Bug 6807

Summary: TVD_RCVD_SINGLE regex line
Product: Spamassassin Reporter: Jake <stoked10>
Component: RulesAssignee: SpamAssassin Developer Mailing List <dev>
Status: NEW ---    
Severity: normal CC: kmcgrail
Priority: P2    
Version: unspecified   
Target Milestone: ---   
Hardware: PC   
OS: Windows XP   
Whiteboard:

Description Jake 2012-06-13 12:23:06 UTC
RFCs (1034 and 1035) 
http://tools.ietf.org/html/rfc1034
http://tools.ietf.org/html/rfc1035

state that a domain name can consist of lower and upper case characters and that it is to be case insensitive. However TVD_RCVD_SINGLE in 72_active.cf only checks for all lower case domain names:

header TVD_RCVD_SINGLE Received =~ /^from\s+(?!localhost)[^\s.a-z0-9-]+\s/

I believe it should be:

header TVD_RCVD_SINGLE Received =~ /^from\s+(?!localhost)[^\s.a-zA-Z0-9-]+\s/

There's probably more that this change should be expanded to, this is just the one that I see hitting alot. Please advise if I missed the mark here or if this is done for a specific reason.

Thanks!

-Jake
Comment 1 Mark Martinec 2012-06-26 19:41:49 UTC
> state that a domain name can consist of lower and upper case characters and
> that it is to be case insensitive. However TVD_RCVD_SINGLE in 72_active.cf
> only checks for all lower case domain names:
> header TVD_RCVD_SINGLE Received =~ /^from\s+(?!localhost)[^\s.a-z0-9-]+\s/
> I believe it should be:
> header TVD_RCVD_SINGLE Received =~ /^from\s+(?!localhost)[^\s.a-zA-Z0-9-]+\s/

You are right about case insensitivity of domain names.
But RFC 5321 also states that EHLO name should be a FQDN
or an address literal:

  The domain name given in the EHLO command MUST be either a primary
  host name (a domain name that resolves to an address RR) or, if
  the host has no name, an address literal

So even if a domain name is all capitals, it should contain
at least one dot, thus saving it from the TVD_RCVD_SINGLE rule.

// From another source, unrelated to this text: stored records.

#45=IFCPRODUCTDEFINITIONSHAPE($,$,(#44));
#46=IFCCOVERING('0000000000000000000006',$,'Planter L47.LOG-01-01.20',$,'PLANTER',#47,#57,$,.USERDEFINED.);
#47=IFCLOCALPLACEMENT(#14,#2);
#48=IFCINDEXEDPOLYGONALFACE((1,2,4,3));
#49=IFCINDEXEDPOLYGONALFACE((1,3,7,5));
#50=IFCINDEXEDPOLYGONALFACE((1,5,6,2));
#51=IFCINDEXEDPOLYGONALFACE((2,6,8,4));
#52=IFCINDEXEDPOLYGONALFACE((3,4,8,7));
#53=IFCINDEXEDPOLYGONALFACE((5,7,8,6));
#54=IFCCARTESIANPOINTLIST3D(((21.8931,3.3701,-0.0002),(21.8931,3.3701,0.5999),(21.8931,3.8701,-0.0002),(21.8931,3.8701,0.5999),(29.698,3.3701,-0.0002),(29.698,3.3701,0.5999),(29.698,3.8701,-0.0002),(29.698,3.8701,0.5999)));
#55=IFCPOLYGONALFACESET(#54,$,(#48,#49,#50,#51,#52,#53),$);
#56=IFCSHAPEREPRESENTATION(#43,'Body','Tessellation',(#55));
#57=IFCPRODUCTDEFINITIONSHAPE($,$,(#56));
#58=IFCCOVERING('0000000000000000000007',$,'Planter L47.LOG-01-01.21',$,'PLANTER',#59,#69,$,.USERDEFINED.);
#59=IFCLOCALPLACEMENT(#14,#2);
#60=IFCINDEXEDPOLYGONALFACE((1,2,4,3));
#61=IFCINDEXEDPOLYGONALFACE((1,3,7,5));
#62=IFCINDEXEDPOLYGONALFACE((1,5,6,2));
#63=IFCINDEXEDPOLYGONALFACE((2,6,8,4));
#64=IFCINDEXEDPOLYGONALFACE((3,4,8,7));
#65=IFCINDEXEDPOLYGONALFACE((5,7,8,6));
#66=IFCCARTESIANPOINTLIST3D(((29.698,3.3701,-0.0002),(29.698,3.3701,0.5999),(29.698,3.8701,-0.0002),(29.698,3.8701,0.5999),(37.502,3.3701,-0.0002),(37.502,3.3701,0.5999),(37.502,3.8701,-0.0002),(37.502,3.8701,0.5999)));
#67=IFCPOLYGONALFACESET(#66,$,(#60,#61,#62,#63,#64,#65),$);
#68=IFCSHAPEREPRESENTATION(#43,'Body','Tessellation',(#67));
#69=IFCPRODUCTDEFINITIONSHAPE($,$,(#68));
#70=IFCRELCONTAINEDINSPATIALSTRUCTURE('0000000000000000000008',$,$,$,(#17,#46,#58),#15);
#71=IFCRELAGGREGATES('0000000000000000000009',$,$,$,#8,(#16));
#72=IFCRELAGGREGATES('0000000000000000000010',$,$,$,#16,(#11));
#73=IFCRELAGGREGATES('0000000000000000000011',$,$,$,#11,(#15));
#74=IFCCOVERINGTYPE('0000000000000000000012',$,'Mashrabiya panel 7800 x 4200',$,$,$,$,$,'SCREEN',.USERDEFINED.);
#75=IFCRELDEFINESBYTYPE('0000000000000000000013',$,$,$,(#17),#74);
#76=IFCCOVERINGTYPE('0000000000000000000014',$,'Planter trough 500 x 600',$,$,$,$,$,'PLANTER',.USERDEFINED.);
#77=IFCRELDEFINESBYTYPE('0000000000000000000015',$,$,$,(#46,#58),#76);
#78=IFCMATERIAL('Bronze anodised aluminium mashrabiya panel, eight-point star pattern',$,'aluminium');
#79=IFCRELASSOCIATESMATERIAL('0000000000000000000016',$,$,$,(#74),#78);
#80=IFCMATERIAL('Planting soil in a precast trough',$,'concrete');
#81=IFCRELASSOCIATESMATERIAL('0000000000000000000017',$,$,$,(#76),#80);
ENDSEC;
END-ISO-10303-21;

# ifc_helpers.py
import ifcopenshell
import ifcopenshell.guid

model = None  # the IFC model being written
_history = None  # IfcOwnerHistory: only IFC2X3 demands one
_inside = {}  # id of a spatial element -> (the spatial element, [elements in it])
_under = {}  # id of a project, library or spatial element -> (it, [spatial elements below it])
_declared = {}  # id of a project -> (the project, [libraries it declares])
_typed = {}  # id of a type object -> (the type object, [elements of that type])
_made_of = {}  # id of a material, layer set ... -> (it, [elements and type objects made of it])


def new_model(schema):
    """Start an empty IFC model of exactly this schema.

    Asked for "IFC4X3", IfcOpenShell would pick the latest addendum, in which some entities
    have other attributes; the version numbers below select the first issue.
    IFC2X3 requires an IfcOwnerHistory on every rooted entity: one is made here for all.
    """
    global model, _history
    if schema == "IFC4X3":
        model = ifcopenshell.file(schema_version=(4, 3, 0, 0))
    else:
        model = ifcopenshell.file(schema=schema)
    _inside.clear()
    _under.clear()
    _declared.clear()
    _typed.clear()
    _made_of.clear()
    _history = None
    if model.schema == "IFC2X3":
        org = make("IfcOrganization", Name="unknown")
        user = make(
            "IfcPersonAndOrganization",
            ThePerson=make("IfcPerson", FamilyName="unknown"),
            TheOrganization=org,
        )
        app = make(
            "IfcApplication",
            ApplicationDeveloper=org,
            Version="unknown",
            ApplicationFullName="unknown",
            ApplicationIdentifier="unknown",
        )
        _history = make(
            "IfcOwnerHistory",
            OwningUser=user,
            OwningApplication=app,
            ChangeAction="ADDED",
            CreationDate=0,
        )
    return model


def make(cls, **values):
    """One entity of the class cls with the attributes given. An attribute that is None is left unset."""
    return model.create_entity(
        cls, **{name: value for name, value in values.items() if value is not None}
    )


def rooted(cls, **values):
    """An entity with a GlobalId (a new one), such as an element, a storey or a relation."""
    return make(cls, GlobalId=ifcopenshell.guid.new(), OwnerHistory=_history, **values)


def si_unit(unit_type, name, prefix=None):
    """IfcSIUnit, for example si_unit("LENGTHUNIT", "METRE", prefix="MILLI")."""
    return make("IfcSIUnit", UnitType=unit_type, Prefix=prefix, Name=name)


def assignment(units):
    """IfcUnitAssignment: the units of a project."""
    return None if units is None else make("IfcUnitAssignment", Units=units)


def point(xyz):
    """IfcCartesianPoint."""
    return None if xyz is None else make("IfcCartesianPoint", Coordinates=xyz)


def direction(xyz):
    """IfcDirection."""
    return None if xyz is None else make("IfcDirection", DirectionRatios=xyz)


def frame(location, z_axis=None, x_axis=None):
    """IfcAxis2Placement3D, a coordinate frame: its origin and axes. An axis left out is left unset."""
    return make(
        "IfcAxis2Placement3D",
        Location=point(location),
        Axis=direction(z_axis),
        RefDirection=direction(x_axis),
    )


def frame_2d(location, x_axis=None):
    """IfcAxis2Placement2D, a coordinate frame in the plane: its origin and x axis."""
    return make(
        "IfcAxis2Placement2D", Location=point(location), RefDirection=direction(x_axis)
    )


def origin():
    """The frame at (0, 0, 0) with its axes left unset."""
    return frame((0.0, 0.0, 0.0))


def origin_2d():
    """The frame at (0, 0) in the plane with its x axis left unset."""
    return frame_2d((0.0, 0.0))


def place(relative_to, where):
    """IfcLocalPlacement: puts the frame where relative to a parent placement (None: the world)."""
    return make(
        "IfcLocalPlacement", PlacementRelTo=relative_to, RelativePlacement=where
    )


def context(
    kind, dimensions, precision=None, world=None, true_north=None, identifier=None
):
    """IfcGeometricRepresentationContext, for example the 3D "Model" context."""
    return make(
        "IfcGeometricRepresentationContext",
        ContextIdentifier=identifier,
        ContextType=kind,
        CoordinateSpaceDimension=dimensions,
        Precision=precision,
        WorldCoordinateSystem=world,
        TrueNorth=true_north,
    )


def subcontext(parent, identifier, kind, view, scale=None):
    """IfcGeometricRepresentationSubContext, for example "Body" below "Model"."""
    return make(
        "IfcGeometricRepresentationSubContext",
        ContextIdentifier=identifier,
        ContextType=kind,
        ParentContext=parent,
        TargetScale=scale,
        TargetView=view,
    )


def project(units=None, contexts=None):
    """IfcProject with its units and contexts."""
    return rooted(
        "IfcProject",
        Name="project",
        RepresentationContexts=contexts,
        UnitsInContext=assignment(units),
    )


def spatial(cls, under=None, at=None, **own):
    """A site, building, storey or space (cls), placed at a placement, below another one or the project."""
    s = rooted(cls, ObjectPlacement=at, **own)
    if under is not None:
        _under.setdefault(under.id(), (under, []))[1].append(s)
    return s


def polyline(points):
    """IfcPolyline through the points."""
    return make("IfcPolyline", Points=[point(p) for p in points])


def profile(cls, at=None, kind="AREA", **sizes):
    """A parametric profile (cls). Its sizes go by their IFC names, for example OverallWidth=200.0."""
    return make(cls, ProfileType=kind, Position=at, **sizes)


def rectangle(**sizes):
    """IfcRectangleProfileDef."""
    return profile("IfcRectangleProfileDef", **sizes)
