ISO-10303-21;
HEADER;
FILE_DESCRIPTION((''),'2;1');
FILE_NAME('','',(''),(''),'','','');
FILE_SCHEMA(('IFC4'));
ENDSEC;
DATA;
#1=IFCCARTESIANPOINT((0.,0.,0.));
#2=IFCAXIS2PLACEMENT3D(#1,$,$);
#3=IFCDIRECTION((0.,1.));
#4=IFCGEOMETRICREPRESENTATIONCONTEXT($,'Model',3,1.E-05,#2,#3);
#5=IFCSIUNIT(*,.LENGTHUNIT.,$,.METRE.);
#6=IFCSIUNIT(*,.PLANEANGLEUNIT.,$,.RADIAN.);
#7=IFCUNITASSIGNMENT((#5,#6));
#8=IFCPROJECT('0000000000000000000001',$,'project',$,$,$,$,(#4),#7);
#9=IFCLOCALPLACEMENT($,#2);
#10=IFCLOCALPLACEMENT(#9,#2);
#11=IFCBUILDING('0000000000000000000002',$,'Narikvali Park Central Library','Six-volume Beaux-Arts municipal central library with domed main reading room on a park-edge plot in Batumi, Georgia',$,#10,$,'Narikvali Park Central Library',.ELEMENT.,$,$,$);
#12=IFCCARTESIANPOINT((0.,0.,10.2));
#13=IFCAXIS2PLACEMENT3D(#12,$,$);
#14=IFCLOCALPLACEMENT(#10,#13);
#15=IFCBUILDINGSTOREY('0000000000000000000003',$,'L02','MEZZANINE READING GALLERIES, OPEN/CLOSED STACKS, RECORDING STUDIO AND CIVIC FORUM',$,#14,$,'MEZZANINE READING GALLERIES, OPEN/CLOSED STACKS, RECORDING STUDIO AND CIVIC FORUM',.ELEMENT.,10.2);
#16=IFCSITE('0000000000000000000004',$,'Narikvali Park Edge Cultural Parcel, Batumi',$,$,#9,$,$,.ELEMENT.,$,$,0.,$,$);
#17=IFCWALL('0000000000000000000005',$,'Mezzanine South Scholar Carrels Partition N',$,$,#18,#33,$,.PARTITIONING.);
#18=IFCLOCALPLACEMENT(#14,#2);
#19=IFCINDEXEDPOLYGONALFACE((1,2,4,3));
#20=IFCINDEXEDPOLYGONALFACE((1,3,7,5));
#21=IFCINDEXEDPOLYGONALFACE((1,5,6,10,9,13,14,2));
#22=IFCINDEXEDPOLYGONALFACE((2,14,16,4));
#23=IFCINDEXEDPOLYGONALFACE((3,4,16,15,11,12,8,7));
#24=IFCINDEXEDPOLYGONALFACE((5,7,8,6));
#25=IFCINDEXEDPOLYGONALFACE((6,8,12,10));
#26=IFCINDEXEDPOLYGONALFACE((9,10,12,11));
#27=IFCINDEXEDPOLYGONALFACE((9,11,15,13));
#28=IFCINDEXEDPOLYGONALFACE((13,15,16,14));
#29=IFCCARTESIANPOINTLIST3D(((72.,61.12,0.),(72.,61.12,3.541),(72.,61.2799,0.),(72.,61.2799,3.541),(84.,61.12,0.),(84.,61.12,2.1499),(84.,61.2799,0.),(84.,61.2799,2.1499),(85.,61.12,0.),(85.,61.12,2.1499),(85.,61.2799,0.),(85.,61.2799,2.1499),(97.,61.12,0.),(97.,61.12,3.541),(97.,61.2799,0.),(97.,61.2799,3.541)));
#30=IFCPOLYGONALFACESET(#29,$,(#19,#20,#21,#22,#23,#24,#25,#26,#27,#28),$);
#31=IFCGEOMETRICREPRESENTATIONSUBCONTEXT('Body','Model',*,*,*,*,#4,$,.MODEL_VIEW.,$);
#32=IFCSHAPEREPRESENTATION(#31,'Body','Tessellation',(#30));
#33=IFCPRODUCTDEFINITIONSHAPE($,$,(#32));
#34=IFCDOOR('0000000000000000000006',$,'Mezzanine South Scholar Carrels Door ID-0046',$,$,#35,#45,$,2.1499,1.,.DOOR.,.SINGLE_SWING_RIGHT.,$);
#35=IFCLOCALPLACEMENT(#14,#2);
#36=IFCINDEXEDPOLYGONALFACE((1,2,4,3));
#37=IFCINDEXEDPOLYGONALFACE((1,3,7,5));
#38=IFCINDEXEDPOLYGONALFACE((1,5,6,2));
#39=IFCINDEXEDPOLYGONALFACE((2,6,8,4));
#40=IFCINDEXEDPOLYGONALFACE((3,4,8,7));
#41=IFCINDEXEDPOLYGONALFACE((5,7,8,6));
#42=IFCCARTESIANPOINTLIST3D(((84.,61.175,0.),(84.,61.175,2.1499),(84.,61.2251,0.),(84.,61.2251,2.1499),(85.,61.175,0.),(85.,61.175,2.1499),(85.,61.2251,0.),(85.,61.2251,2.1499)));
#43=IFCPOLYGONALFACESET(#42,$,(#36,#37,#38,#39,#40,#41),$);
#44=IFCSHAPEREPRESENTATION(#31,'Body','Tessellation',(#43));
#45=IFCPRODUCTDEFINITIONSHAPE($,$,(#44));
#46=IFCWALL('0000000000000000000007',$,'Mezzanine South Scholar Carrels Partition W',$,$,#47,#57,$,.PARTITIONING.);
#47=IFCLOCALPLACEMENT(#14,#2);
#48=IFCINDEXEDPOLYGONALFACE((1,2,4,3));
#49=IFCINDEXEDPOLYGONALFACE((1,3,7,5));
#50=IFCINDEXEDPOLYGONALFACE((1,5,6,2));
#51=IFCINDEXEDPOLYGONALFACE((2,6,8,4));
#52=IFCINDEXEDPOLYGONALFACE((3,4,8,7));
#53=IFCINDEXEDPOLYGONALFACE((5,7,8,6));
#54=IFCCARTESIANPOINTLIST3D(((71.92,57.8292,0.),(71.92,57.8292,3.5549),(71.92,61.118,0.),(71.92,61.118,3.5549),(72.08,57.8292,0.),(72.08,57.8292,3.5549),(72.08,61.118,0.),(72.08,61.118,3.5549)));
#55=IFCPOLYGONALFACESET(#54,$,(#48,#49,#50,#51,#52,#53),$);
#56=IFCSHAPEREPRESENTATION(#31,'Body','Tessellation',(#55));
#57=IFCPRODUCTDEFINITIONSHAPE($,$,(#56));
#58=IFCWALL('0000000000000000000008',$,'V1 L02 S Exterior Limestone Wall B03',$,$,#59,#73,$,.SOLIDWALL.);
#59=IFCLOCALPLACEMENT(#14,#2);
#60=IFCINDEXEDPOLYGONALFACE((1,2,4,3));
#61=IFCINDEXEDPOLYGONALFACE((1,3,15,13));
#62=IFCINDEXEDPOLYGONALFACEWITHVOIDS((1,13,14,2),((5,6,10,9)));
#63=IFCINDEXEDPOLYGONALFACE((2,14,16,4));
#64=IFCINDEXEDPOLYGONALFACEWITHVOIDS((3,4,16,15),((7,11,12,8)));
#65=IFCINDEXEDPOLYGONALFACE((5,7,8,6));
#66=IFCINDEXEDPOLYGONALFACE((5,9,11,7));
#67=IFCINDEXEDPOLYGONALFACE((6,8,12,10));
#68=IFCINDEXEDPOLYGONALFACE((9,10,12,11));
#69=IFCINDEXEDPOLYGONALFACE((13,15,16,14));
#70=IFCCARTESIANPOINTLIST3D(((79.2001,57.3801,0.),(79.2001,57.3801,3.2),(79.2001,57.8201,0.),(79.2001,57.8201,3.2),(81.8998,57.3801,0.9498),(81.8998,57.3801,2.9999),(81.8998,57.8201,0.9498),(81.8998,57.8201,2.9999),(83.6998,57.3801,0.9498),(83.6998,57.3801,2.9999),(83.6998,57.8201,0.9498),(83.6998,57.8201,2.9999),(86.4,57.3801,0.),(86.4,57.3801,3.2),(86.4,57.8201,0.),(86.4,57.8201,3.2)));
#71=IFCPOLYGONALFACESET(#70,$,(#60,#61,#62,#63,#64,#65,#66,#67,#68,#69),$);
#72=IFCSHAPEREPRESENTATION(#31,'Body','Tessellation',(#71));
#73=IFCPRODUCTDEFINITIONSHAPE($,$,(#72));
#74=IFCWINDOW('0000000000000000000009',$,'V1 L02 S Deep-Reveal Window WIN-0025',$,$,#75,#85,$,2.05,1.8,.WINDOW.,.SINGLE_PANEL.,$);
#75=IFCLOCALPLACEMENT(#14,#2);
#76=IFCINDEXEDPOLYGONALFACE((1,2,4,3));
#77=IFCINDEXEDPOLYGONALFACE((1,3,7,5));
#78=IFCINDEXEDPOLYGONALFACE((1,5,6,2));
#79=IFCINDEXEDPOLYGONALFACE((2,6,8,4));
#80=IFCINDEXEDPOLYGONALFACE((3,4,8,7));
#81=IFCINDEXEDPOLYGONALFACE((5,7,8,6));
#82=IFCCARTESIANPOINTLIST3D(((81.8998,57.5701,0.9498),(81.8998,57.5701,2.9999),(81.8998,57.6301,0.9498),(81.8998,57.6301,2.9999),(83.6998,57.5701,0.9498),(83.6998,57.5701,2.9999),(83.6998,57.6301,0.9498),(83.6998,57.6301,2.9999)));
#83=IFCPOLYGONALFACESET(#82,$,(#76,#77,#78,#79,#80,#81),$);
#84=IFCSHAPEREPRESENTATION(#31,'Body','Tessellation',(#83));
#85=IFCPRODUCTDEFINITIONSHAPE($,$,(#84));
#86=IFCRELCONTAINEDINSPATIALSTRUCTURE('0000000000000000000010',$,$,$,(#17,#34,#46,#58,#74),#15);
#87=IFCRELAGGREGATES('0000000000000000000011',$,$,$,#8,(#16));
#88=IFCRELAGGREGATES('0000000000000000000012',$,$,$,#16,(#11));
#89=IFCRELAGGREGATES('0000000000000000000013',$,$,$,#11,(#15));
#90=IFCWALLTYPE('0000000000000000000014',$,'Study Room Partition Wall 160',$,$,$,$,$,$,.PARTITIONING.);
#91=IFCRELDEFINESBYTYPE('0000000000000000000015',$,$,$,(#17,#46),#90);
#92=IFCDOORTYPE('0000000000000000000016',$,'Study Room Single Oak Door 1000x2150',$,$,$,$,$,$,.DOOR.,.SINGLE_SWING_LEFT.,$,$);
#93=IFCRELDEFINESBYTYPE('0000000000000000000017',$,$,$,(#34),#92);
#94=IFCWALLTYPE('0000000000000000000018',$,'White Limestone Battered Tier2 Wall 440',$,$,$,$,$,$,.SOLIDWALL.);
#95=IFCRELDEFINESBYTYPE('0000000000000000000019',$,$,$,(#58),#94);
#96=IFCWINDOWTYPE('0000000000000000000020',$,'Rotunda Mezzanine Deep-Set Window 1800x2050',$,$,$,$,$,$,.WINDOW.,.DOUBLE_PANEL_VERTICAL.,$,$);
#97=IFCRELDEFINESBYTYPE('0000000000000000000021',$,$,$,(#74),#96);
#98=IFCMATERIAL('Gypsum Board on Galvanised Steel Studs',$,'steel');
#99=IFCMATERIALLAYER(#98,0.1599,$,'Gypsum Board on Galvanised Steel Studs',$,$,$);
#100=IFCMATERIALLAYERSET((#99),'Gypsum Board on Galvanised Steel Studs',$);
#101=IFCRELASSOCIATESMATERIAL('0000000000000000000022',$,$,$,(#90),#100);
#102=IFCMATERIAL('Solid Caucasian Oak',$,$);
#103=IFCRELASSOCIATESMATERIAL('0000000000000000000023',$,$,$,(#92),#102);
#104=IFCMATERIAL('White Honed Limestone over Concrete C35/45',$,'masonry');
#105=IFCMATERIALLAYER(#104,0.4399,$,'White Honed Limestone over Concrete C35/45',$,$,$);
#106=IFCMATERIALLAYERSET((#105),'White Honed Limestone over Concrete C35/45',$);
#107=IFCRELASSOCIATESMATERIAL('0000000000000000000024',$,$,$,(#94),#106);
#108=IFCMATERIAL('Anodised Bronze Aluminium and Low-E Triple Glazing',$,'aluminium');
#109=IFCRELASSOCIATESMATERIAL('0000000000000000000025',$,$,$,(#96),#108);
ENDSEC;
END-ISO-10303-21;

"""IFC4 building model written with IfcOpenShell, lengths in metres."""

from ifc_helpers import new_model, si_unit, direction, frame, frame_2d, origin, place, context, subcontext, project, spatial, rectangle, extrude, material, layer, layer_set, type_object, element, fill, save


model = new_model("IFC4")

# Units and contexts
model_context = context("Model", 3, precision=1e-05, world=origin(), true_north=direction((0.0, 1.0)))
body_context = subcontext(model_context, "Body", "Model", "MODEL_VIEW")
ifc_project = project(units=[si_unit("LENGTHUNIT", "METRE"), si_unit("PLANEANGLEUNIT", "RADIAN")], contexts=[model_context])

# Site, building, storey
site_placement = place(None, origin())
site = spatial("IfcSite", under=ifc_project, at=site_placement, Name="Narikvali Park Edge Cultural Parcel, Batumi", CompositionType="ELEMENT", RefElevation=0.0)
building_placement = place(site_placement, origin())
building = spatial("IfcBuilding", under=site, at=building_placement, Name="Narikvali Park Central Library", Description="Six-volume Beaux-Arts municipal central library with domed main reading room on a park-edge plot in Batumi, Georgia", LongName="Narikvali Park Central Library", CompositionType="ELEMENT")
storey_placement = place(building_placement, frame((0.0, 0.0, 10.2)))
storey = spatial("IfcBuildingStorey", under=building, at=storey_placement, Name="L02", Description="MEZZANINE READING GALLERIES, OPEN/CLOSED STACKS, RECORDING STUDIO AND CIVIC FORUM", LongName="MEZZANINE READING GALLERIES, OPEN/CLOSED STACKS, RECORDING STUDIO AND CIVIC FORUM", CompositionType="ELEMENT", Elevation=10.2)

# Wall, opening, door
ifc_material_1 = material(Name="Gypsum Board on Galvanised Steel Studs", Category="steel")
ifc_layer_1 = layer(ifc_material_1, 0.1599, Name="Gypsum Board on Galvanised Steel Studs")
ifc_layer_set_1 = layer_set([ifc_layer_1], Name="Gypsum Board on Galvanised Steel Studs")
wall_type_1 = type_object("IfcWallType", Name="Study Room Partition Wall 160", PredefinedType="PARTITIONING", material=ifc_layer_set_1)
wall_1_placement = place(storey_placement, frame((72.0, 61.2, 0.0), z_axis=(0.0, 0.0, 1.0), x_axis=(1.0, 0.0, 0.0)))
wall_1 = element("IfcWall", 1, at=wall_1_placement, inside=storey, type_object=wall_type_1, Name="Mezzanine South Scholar Carrels Partition N", PredefinedType="PARTITIONING", context=body_context, shape_type="SweptSolid", body=[
    extrude(rectangle(XDim=25.0, YDim=0.1599, at=frame_2d((12.5, 0.0))), origin(), (0.0, 0.0, 1.0), 3.541),
])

> There's probably more that this change should be expanded to, this is just
> the one that I see hitting alot. Please advise if I missed the mark here or
> if this is done for a specific reason.

The rule is inexact one way or another. I don't know good does it do
in Q&A tests. The problem would be if a perfectly valid Received header
field would fire it, but apparently this is not the case.
Comment 2 Mark Martinec 2012-06-26 23:51:14 UTC
> header TVD_RCVD_SINGLE Received =~ /^from\s+(?!localhost)[^\s.a-zA-Z0-9-]+\s/

Btw, this rule only applies to the topmost Received header field
(because it uses the ^ anchor but is missing an /m flag), i.e. it only
applies to the Received field added by our own MTA in some setups.
I doubt that was the intention, I guess it should be processing
all Received header fields.

There are a couple of other similar rules using ^ or $ anchors
for a header field that can appear multiple times in a header,
but are missing the /m regexp modifier flag:

20_ratware.cf:

header RATWARE_RCVD_PF Received =~ / \(Postfix\) with ESMTP id [^;]+\; \S+ \d+ \S+ \d+ \d+:\d+:\d+ \S+$/s

72_active.cf:

header TVD_RCVD_IP Received =~ /^from\s+(?:\d+[^0-9a-zA-Z\s]){3}\d+[.\s]/
header TVD_RCVD_IP4 Received =~ /^from\s+(?:\d+\.){3}\d+\s/
header TVD_RCVD_SINGLE Received =~ /^from\s+(?!localhost)[^\s.a-z0-9-]+\s/
header __FSL_HELO_USER_2 Received =~ /from User(?:\s+by|\s*\(|$)/i

Should these be fixed?
Comment 3 Kevin A. McGrail 2013-06-21 16:27:50 UTC
This is a discussion about a Rules which doesn't appear to require a target milestone.